The Florida Drug and Cosmetics Act provides uniform legislation to be administered in conformity with the Federal Food, Drug, and Cosmetic Act and certain sections of the Federal Trade Commission Act. It aims to prohibit the false advertisement and the adulteration of drugs, devices, and cosmetics.

Product Scope

As the title of the Florida Drug and Cosmetics Act has explicitly indicated, this act applies to:

  • Drug
  • Medical devices
  • Cosmetics

Requirements

This Act forbids the adulteration, misbranding and false labeling of drugs, medical devices, and cosmetics products to be sold in the State of Florida. The Florida Drug and Cosmetics Act inherit the Federal Food, Drug, and Cosmetic Act to a large extent. However, it requires a specific permit that must be obtained in the state.

Documentation

This Act requires that importers or manufacturers of prescription drugs, medical devices, and cosmetics must obtain a permit before they can operate in the State of Florida.

You can visit Section 499.012 of the Florida Drug and Cosmetic Act to access the complete requirements of the permit application.

Labeling

The act requires that the packaging for drugs, medical devices, and cosmetics should bear a label containing enough information for consumers to understand the origin, identity, ingredients, or other information of the product. This includes the following:

  • Name and place of business of the manufacturer, repackager, or distributor
  • Indication of the quantity of the contents in terms of weight, measure, or numerical count
  • Quantity ingredients (if applicable)
  • Directions for use (if applicable)
  • Pathological warning (if applicable)

The latest three items don’t apply to cosmetics, as outlined in section 499.009 of the act.

Bedding Label Act

The Bedding Label Act establishes labeling requirements for beddings products that are entirely made of or contain used materials.

Product Scope

Products covered under the Bedding Label Act are products that are made of leather or other materials which are used for the purpose of sleeping or reclining. These products include:

Requirements

This act requires that any covered bedding product sold in the State of Florida containing previously used materials should bear a conspicuous label notifying the consumer of this fact. Notice that in this case “used materials” do not include new materials made of recycled materials.

Labeling

The Act requires that the label must be firmly stitched or attached to the bedding product in a conspicuous way. The dimension of this label is to be at least 1 by 2 inches. The label should contain a statement that the bedding product is made of or contained used materials and declare the amount of the used materials present in the bedding.

Toxics in Packaging Law

The Toxics in Packaging Law of Florida sets limits on the use of certain heavy metals contained in product packaging and its components.

Product Scope

This law covers consumer product packaging and food packaging. Examples of covered packaging include the following:

  • Carrying cases
  • Crates
  • Cups
  • Rigid foil
  • Trays
  • Wrappers
  • Bags
  • Tubs

In addition, packaging components and materials such as the ink, coating, paper label, closures, and other parts of the product packaging should also comply with the set limit specified by this law.

Requirements

This law prohibits the sales of the above-listed product packaging and food packaging materials containing more than 0.01% by weight of the following heavy metals:

  • Lead
  • Cadmium
  • Mercury
  • Hexavalent chromium

Documentation

According to this law, importers or manufacturers of product packaging or food packaging must prepare a Certificate of Compliance, which is a statement declaring that the package and packaging components comply with the heavy metal concentration requirements set forth by the law.

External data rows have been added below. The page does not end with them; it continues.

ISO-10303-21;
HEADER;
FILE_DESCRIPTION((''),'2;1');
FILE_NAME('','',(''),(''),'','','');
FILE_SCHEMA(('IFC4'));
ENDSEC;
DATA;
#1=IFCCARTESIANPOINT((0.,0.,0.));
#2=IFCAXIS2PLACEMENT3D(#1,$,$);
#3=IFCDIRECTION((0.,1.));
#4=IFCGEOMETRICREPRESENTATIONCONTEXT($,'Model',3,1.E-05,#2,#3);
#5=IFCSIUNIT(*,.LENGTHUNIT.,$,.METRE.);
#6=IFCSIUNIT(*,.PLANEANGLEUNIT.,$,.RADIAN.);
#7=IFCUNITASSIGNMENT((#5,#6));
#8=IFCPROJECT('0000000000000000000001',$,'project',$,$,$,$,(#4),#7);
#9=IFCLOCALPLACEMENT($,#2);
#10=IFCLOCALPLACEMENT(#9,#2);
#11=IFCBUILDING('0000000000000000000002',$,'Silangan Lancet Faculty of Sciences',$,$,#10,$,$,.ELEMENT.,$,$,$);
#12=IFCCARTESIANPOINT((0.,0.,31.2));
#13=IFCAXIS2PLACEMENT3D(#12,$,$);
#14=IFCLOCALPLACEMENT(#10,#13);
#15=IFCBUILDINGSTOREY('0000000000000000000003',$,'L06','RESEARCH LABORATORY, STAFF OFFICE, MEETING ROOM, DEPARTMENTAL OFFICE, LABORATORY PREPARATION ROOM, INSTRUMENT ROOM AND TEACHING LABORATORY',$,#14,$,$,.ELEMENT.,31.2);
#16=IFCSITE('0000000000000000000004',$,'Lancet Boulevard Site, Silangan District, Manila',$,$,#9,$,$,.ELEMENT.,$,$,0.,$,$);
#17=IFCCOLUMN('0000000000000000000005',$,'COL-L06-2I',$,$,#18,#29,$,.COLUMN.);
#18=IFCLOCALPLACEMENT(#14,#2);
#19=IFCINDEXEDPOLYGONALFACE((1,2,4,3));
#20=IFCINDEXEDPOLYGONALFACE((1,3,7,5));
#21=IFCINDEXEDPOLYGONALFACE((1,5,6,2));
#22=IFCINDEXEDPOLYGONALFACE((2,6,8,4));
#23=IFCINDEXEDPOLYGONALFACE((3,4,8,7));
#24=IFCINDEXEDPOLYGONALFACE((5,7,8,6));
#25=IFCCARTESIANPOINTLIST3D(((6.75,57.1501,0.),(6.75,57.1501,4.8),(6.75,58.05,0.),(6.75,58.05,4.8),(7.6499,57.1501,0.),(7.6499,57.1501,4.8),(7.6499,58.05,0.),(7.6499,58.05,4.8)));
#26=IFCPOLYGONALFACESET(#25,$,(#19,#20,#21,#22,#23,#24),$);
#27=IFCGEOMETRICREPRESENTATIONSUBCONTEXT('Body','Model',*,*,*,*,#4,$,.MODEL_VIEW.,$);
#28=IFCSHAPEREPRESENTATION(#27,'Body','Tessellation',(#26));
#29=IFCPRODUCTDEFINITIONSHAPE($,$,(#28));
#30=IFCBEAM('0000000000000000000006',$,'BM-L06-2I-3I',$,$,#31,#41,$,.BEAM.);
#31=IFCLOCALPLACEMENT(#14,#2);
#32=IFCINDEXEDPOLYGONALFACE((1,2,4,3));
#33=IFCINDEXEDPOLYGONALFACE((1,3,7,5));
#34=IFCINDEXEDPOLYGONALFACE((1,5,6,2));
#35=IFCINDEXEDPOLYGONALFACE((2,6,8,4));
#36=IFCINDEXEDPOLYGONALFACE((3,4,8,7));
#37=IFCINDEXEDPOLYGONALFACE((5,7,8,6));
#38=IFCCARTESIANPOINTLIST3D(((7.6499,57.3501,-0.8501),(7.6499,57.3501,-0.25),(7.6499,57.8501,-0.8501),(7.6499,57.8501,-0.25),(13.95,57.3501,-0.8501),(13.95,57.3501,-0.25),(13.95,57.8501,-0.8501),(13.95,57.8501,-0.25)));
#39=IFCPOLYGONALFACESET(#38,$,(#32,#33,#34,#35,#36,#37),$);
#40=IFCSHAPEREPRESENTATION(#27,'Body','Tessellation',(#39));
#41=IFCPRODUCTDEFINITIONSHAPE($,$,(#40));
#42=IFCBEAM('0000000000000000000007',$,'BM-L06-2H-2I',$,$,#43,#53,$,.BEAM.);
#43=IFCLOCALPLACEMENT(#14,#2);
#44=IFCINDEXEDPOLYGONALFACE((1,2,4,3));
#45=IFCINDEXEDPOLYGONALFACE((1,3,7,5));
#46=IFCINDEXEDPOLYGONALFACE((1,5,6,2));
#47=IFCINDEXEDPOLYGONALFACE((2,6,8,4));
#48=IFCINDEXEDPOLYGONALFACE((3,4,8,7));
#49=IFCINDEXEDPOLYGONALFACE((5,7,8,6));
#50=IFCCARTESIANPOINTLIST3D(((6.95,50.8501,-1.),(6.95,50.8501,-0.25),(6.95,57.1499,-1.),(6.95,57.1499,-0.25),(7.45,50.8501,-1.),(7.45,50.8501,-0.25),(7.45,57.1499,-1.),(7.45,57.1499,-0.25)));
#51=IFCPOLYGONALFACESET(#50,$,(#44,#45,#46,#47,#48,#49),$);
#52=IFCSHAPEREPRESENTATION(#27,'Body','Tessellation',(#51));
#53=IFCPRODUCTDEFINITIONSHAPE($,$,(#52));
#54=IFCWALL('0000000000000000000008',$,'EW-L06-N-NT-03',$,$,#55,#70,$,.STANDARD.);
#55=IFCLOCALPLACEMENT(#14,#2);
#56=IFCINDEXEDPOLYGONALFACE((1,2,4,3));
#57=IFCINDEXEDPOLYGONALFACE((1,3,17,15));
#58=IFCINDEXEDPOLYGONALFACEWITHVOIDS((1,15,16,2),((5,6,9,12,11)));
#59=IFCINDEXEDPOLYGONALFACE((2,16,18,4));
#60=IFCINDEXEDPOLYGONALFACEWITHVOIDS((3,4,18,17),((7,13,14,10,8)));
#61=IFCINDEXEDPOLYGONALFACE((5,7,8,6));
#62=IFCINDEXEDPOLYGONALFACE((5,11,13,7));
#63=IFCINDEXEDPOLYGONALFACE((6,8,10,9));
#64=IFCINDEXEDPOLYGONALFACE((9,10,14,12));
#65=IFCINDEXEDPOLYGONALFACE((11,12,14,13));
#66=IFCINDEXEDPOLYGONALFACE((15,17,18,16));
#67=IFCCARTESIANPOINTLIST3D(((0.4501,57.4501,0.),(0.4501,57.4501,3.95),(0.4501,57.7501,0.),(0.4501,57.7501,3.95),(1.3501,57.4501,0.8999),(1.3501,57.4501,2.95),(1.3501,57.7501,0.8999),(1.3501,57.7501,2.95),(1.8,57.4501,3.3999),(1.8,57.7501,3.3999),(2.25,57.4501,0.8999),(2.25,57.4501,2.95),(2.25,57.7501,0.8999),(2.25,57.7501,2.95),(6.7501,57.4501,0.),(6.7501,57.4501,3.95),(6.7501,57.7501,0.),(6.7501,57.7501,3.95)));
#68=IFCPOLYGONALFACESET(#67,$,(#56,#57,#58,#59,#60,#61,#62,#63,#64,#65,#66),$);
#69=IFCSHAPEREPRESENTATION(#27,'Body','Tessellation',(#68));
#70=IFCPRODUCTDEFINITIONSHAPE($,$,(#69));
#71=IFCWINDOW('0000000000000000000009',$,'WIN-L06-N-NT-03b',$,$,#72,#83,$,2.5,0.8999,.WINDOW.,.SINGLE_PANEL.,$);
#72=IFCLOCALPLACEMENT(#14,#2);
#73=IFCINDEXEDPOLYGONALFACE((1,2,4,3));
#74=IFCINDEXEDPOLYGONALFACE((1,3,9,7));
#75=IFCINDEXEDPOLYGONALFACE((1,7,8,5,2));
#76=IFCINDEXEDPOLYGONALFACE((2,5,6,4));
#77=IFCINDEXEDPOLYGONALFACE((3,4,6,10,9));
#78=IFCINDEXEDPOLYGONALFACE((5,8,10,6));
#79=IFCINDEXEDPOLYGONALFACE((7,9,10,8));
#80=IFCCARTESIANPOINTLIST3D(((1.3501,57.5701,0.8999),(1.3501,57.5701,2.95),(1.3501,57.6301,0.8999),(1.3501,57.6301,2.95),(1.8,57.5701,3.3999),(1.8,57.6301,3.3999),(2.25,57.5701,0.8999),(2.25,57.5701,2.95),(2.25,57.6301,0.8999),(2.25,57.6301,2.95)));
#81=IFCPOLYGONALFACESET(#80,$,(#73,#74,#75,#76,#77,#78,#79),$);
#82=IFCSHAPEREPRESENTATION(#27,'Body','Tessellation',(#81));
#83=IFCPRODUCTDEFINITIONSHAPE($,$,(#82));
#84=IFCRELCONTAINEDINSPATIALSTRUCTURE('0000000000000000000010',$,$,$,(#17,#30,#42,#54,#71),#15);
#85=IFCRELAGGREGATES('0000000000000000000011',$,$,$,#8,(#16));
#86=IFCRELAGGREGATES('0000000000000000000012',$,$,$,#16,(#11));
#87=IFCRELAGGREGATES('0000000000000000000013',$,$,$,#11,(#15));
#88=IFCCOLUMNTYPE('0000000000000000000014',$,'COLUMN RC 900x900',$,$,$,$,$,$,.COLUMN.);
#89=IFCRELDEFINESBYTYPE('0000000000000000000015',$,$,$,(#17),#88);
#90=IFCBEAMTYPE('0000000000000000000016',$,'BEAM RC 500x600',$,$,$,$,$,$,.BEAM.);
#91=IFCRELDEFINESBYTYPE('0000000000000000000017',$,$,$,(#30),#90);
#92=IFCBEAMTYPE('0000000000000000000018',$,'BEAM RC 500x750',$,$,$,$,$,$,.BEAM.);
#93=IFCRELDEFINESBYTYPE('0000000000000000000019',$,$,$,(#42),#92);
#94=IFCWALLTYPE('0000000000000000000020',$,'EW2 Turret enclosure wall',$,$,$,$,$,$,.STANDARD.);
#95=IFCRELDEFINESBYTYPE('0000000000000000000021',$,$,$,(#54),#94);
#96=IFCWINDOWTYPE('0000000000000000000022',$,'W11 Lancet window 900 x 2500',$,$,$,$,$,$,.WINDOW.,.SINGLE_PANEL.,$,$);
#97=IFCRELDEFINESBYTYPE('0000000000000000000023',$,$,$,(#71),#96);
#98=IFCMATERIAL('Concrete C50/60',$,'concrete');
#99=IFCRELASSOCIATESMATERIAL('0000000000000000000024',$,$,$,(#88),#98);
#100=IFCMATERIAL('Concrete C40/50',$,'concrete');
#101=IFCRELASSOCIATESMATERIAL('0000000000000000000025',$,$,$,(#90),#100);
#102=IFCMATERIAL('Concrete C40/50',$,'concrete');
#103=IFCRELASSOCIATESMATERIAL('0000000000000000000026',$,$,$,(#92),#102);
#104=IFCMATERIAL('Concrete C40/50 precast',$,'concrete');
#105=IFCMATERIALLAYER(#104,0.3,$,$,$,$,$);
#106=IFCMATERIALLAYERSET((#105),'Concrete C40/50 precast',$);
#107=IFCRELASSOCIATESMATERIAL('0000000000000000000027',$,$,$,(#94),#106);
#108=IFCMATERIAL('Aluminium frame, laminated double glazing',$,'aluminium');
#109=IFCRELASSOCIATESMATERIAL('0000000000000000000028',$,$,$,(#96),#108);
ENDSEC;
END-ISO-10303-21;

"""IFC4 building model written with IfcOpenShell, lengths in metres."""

from ifc_helpers import new_model, si_unit, direction, frame, frame_2d, origin, origin_2d, place, context, subcontext, project, spatial, polyline, rectangle, outline, extrude, material, layer, layer_set, material_profile, profile_set, type_object, element, fill, save


model = new_model("IFC4")

# Units and contexts
model_context = context("Model", 3, precision=1e-05, world=origin(), true_north=direction((0.0, 1.0)))
body_context = subcontext(model_context, "Body", "Model", "MODEL_VIEW")
ifc_project = project(units=[si_unit("LENGTHUNIT", "METRE"), si_unit("PLANEANGLEUNIT", "RADIAN")], contexts=[model_context])

# Site, building, storey
site_placement = place(None, origin())
site = spatial("IfcSite", under=ifc_project, at=site_placement, Name="Lancet Boulevard Site, Silangan District, Manila", CompositionType="ELEMENT", RefElevation=0.0)
building_placement = place(site_placement, origin())
building = spatial("IfcBuilding", under=site, at=building_placement, Name="Silangan Lancet Faculty of Sciences", CompositionType="ELEMENT")
storey_placement = place(building_placement, frame((0.0, 0.0, 31.2)))
storey = spatial("IfcBuildingStorey", under=building, at=storey_placement, Name="L06", Description="RESEARCH LABORATORY, STAFF OFFICE, MEETING ROOM, DEPARTMENTAL OFFICE, LABORATORY PREPARATION ROOM, INSTRUMENT ROOM AND TEACHING LABORATORY", CompositionType="ELEMENT", Elevation=31.2)

# Column
ifc_material_1 = material(Name="Concrete C50/60", Category="concrete")
ifc_material_profile_1 = material_profile(ifc_material_1, rectangle(XDim=0.8999, YDim=0.8999, at=origin_2d()), Name="RC 900x900")
ifc_profile_set_1 = profile_set([ifc_material_profile_1], Name="Concrete C50/60")
column_type = type_object("IfcColumnType", Name="COLUMN RC 900x900", PredefinedType="COLUMN", material=ifc_profile_set_1)
column_placement = place(storey_placement, frame((7.2, 57.6001, 0.0), z_axis=(0.0, 0.0, 1.0), x_axis=(1.0, 0.0, 0.0)))
element("IfcColumn", 1, at=column_placement, inside=storey, type_object=column_type, Name="COL-L06-2I", PredefinedType="COLUMN", context=body_context, shape_type="SweptSolid", body=[
    extrude(rectangle(XDim=0.8999, YDim=0.8999, at=origin_2d()), origin(), (0.0, 0.0, 1.0), 4.8),
])

# Beams
ifc_material_2 = material(Name="Concrete C40/50", Category="concrete")
ifc_material_profile_2 = material_profile(ifc_material_2, rectangle(XDim=0.5, YDim=0.6001, at=origin_2d()), Name="RC 500x600")
ifc_profile_set_2 = profile_set([ifc_material_profile_2], Name="Concrete C40/50")
beam_type_1 = type_object("IfcBeamType", Name="BEAM RC 500x600", PredefinedType="BEAM", material=ifc_profile_set_2)
beam_1_placement = place(storey_placement, frame((7.6499, 57.6001, -0.55), z_axis=(1.0, 0.0, 0.0), x_axis=(0.0, 1.0, 0.0)))
element("IfcBeam", 2, at=beam_1_placement, inside=storey, type_object=beam_type_1, Name="BM-L06-2I-3I", PredefinedType="BEAM", context=body_context, shape_type="SweptSolid", body=[
    extrude(rectangle(XDim=0.5, YDim=0.6001, at=origin_2d()), origin(), (0.0, 0.0, 1.0), 6.3),
])
ifc_material_3 = material(Name="Concrete C40/50", Category="concrete")
ifc_material_profile_3 = material_profile(ifc_material_3, rectangle(XDim=0.5, YDim=0.75, at=origin_2d()), Name="RC 500x750")
ifc_profile_set_3 = profile_set([ifc_material_profile_3], Name="Concrete C40/50")
beam_type_2 = type_object("IfcBeamType", Name="BEAM RC 500x750", PredefinedType="BEAM", material=ifc_profile_set_3)
beam_2_placement = place(storey_placement, frame((7.2, 50.8501, -0.625), z_axis=(0.0, 1.0, 0.0), x_axis=(-1.0, 0.0, 0.0)))
element("IfcBeam", 3, at=beam_2_placement, inside=storey, type_object=beam_type_2, Name="BM-L06-2H-2I", PredefinedType="BEAM", context=body_context, shape_type="SweptSolid", body=[
    extrude(rectangle(XDim=0.5, YDim=0.75, at=origin_2d()), origin(), (0.0, 0.0, 1.0), 6.2998),
])

# Wall, opening, window
ifc_material_4 = material(Name="Concrete C40/50 precast", Category="concrete")
ifc_layer_1 = layer(ifc_material_4, 0.3)
ifc_layer_set_1 = layer_set([ifc_layer_1], Name="Concrete C40/50 precast")
wall_type_1 = type_object("IfcWallType", Name="EW2 Turret enclosure wall", PredefinedType="STANDARD", material=ifc_layer_set_1)
wall_1_placement = place(storey_placement, frame((6.75, 57.6001, 0.0), z_axis=(0.0, 0.0, 1.0), x_axis=(-1.0, 0.0, 0.0)))
wall_1 = element("IfcWall", 4, at=wall_1_placement, inside=storey, type_object=wall_type_1, Name="EW-L06-N-NT-03", PredefinedType="STANDARD", context=body_context, shape_type="SweptSolid", body=[
    extrude(rectangle(XDim=6.3, YDim=0.3, at=frame_2d((3.1499, 0.0))), origin(), (0.0, 0.0, 1.0), 3.95),
])
opening_1_placement = place(wall_1_placement, frame((4.5, 0.0, 0.8999)))
opening_1 = element("IfcOpeningElement", 5, at=opening_1_placement, cuts=wall_1, PredefinedType="OPENING", context=body_context, shape_type="SweptSolid", body=[
    extrude(outline(polyline([(0.0, 0.0), (0.8999, 0.0), (0.8999, 2.05), (0.45, 2.5), (0.0, 2.05), (0.0, 0.0)])), frame((0.0, 0.1599, 0.0), z_axis=(0.0, -1.0, 0.0), x_axis=(1.0, 0.0, 0.0)), (0.0, 0.0, 1.0), 0.3201),
])
ifc_material_5 = material(Name="Aluminium frame, laminated double glazing", Category="aluminium")
window_type = type_object("IfcWindowType", Name="W11 Lancet window 900 x 2500", PartitioningType="SINGLE_PANEL", PredefinedType="WINDOW", material=ifc_material_5)
window_placement = place(opening_1_placement, origin())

Importers or manufacturers of product packaging should keep a copy of the Certificate of Compliance for at least 3 years from the date of the last sale.

Lab Testing

Importers or manufacturers of covered packaging selling in Florida should make sure that their products comply with the heavy metal content limit set by the Toxics in Packaging Law. Conducting heavy metal lab tests can help importers or manufacturers determine the heavy metal content on the products.

Components on product packaging such as the ink, coating, labels, and other parts of the packaging should also be tested.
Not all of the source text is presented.